Minimax with αβ pruning was first published by Hart and Edwards [1961]. Knuth and Moore [1975] and Pearl [1984] analyze αβ pruning and other methods for searching game trees. Ballard [1983] discusses how minimax can be combined with chance nodes.

The Deep Blue chess computer, which beat Garry Kasparov, the world chess champion, in May 1997 is described by Campbell et al. [2002]. Silver et al. [2016] describe AlphaGo, the program that beat a top-ranked Go player in 2016. AlphaZero is by Silver et al. [2017]. Pluribus [Brown and Sandholm, 2019] beat top human professionals in six-player no-limit Texas hold’em poker, a popular form of poker; this is the only one of these superhuman players that was not playing a two-player zero-sum game. Cicero [Bakhtin et al., 2022], playing in an anonymous online blitz league for the game Diplomacy, achieved more than double the average score of human players and ranked in the top 10% of participants. Only one human player suspected it was a computer program.

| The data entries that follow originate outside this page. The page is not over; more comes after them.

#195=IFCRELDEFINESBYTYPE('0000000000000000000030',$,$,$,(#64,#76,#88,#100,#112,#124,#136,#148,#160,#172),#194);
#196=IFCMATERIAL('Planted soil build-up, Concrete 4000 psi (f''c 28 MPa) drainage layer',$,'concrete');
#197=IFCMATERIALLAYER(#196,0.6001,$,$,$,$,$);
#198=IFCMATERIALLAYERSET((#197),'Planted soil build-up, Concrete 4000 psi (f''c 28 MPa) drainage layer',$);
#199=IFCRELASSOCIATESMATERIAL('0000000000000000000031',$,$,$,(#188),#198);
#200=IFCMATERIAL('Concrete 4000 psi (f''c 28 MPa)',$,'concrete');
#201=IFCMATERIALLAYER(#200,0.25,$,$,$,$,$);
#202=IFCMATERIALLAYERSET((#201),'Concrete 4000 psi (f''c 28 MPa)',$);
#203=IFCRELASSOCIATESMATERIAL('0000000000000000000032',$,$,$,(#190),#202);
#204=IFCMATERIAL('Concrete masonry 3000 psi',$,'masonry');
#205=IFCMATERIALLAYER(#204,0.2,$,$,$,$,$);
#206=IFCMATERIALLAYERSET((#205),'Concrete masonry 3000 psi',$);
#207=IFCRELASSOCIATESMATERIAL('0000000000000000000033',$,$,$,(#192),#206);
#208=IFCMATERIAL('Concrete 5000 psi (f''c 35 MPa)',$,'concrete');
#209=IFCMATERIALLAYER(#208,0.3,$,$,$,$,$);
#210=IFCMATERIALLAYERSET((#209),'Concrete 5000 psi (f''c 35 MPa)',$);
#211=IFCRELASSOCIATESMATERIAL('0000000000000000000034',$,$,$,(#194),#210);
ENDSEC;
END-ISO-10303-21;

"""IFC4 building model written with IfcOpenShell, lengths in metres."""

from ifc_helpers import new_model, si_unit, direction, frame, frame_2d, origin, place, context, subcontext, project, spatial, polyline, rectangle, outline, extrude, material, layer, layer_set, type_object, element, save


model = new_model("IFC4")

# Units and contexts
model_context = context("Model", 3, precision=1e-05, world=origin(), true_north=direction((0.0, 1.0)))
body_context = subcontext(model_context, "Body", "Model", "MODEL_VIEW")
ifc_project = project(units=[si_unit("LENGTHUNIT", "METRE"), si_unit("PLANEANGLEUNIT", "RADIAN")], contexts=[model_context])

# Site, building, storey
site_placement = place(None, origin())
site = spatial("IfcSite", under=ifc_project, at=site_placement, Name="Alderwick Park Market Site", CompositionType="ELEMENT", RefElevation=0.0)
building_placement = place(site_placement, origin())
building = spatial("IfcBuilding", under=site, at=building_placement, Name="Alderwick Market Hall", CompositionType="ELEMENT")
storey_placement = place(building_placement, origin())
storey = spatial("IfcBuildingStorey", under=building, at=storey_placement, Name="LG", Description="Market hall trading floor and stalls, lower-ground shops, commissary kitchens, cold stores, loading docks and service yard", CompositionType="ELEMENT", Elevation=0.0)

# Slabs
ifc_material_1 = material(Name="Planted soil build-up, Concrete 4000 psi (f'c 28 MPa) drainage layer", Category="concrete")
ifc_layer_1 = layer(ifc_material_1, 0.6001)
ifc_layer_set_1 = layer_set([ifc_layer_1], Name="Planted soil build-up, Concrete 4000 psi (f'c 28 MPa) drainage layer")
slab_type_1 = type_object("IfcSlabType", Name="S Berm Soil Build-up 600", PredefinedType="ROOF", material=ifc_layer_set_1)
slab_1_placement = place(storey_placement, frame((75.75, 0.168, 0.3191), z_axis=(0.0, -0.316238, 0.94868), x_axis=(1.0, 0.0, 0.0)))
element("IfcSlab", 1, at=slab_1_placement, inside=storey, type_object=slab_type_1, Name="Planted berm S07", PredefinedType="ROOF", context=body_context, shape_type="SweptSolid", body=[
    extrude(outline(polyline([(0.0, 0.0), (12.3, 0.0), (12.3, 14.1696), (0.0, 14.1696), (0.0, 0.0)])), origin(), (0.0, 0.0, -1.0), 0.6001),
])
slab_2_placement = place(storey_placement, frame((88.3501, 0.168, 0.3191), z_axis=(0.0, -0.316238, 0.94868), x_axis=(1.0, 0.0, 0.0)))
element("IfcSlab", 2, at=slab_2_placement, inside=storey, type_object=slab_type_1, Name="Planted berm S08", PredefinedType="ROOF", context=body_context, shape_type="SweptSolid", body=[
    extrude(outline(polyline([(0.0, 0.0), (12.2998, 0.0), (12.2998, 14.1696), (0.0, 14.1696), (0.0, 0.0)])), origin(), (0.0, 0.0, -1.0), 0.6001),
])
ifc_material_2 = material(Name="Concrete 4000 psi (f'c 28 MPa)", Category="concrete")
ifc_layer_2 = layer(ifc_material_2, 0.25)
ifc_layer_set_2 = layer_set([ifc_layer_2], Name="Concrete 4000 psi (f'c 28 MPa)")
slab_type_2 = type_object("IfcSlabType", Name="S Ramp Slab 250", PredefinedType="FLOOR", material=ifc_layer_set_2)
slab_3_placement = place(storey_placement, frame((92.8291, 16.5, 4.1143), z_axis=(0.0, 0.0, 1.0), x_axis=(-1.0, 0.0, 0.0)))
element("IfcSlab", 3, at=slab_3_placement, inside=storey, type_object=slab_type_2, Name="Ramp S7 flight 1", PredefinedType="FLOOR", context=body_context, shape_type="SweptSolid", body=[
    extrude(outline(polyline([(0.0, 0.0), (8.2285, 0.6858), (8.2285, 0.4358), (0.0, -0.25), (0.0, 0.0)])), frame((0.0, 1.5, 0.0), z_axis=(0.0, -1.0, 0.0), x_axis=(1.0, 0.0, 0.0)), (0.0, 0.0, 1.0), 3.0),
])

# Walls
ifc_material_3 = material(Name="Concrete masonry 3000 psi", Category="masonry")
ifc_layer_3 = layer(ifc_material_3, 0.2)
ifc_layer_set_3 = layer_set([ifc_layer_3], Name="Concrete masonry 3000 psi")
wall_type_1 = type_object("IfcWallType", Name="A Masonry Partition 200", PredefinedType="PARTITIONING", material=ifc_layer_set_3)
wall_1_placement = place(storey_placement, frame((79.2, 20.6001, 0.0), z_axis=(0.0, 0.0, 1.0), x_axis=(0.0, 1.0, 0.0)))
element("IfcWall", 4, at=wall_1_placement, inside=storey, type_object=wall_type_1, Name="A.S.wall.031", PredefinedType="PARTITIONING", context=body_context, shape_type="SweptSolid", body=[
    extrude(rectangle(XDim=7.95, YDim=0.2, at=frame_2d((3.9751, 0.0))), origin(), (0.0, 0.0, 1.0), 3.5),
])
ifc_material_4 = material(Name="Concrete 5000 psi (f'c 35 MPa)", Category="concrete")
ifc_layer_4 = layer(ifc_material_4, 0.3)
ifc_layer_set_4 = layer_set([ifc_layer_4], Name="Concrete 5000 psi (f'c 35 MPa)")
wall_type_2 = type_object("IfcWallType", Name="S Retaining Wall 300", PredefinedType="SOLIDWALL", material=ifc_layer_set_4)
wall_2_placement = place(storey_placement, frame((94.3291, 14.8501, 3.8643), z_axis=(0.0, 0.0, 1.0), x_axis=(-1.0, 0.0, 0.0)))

Robot soccer was proposed, and implemented, as an embodied AI challenge by Mackworth [1993]. Busoniu et al. [2008] survey multiagent reinforcement learning.

Mechanism design is described by Shoham and Leyton-Brown [2008] and Nisan [2007]. Ordeshook [1986] describes group decision making and game theory.

Hardin [1968] introduced the concept of the tragedy of the commons. Ostrom [1990], on the other hand, showed that the commons can be, and is, governable.

Gal and Grosz [2022] describe technical and ethical challenges. Perrault et al. [2020] describe how multiagent systems are having a social impact in public safety and security, wildlife conservation and public health.

This chapter has only covered non-cooperative games, where agents make decisions in isolation, without coordinating their actions. It has not covered cooperative games, where agents can communicate, negotiate, and perhaps participate in payments and enforceable conflicts. Many of the above references cover cooperative games. Kramár et al. [2022] describe an AI system that learns to play the game Diplomacy, which requires negotiation to play well. The state space is enormous, as it includes the actions involved in negotiation. Siu et al. [2021] evaluated how well AI systems can cooperate with humans to play the cooperative card game Hanabi, and concluded “We find that humans have a clear preference toward a rule-based AI teammate (SmartBot) over a state-of-the-art learning-based AI teammate (Other-Play) across nearly all subjective metrics, and generally view the learning-based agent negatively, despite no statistical difference in the game score.”